あなたは自分の顔のどこが嫌いでしょうか? 何を醜いと感じますか?
「身体醜形症(身体醜形障害・醜形恐怖)」と診断される方のなかでもっとも悩みが多いのは、やはり眼や鼻、口など顔のパーツです。頰やあご、顔の輪郭、おでこや頭の形が嫌いという人もいます。
もっと細かな部分を気にしている場合もあります。ニキビ跡やしわ、たるみ、肌質が気持ち悪いと訴える人もいますし、眉毛の濃さや形、肌の色が嫌でたまらないという人もいます。頭髪の薄さを気にしたり、逆に体毛の毛深さを悩んでいる場合もあります。
鏡を見て欠点を探してしまう
また、あるときは眼が嫌で仕方がなかったのに、今度は鼻が気になってどうしようもないという具合に、悩む部位がつぎつぎに変わることもあります。
「自分の見た目がぜんぶ嫌いだ」という方もいます。
嫌いでたまらないのに鏡を何度も見て欠点を探しつづけてしまい、見ているうちに嫌悪感がつのってよけいに自分を嫌いになってしまう人。他人と比べて劣等感にさいなまれ、マスクやサングラスを外せなくなり鏡を見られなくなる人もいます。

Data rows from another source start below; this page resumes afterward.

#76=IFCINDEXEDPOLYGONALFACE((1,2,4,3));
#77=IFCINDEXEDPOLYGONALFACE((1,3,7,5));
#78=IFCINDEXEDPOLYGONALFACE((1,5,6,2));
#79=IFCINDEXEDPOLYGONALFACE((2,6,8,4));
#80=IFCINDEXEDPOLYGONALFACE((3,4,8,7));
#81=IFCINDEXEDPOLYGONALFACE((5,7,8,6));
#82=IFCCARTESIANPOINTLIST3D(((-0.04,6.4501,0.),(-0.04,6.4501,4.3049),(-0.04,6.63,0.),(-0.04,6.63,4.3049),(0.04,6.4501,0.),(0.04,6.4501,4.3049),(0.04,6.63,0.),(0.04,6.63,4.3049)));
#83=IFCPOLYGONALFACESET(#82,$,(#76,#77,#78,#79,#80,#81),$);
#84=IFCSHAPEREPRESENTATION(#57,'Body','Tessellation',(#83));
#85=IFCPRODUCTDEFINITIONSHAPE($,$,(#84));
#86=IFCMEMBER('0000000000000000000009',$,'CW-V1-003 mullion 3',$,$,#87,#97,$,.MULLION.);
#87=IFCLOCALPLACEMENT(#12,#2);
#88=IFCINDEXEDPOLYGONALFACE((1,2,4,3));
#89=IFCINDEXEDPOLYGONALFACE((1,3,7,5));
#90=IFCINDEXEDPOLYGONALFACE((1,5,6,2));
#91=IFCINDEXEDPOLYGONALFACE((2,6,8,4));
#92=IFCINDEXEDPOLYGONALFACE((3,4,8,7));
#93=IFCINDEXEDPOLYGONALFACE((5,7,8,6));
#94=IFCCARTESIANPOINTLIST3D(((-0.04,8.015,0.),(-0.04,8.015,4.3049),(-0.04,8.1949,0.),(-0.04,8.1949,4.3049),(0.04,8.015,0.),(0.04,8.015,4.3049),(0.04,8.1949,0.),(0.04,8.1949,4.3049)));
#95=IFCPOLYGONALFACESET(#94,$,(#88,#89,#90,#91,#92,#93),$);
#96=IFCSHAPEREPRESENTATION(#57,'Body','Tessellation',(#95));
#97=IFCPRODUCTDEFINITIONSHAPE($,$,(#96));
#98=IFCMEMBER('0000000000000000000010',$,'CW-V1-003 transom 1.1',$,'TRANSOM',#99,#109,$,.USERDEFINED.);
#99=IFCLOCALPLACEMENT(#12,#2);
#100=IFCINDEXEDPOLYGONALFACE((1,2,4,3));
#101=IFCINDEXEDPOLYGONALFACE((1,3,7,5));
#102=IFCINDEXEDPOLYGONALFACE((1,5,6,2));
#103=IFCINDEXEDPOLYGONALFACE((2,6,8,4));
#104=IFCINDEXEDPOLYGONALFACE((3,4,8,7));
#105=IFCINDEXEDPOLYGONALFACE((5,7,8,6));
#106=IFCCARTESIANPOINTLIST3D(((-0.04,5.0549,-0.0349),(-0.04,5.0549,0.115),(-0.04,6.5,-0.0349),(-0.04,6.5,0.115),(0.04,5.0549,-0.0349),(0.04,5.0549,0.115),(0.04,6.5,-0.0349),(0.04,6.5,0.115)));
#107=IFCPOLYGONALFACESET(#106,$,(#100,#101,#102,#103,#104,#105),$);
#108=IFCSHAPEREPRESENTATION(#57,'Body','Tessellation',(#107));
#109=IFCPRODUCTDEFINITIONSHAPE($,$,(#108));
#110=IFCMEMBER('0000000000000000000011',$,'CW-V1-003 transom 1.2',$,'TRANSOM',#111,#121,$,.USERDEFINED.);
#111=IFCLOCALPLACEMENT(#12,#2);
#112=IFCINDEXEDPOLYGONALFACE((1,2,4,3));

自分の見た目のせいで、人からジロジロ見られている気がしたり、嘲笑されているように感じることもあるかもしれません。1日に何度も服を取り替えたり、1時間もしないうちにメイクを直したくなったり、気になる部分を何度も何度も触ったり……ということもあるでしょう。なかにはつらさのあまり、リストカットや不適切な性行動に走ってしまう人もいます。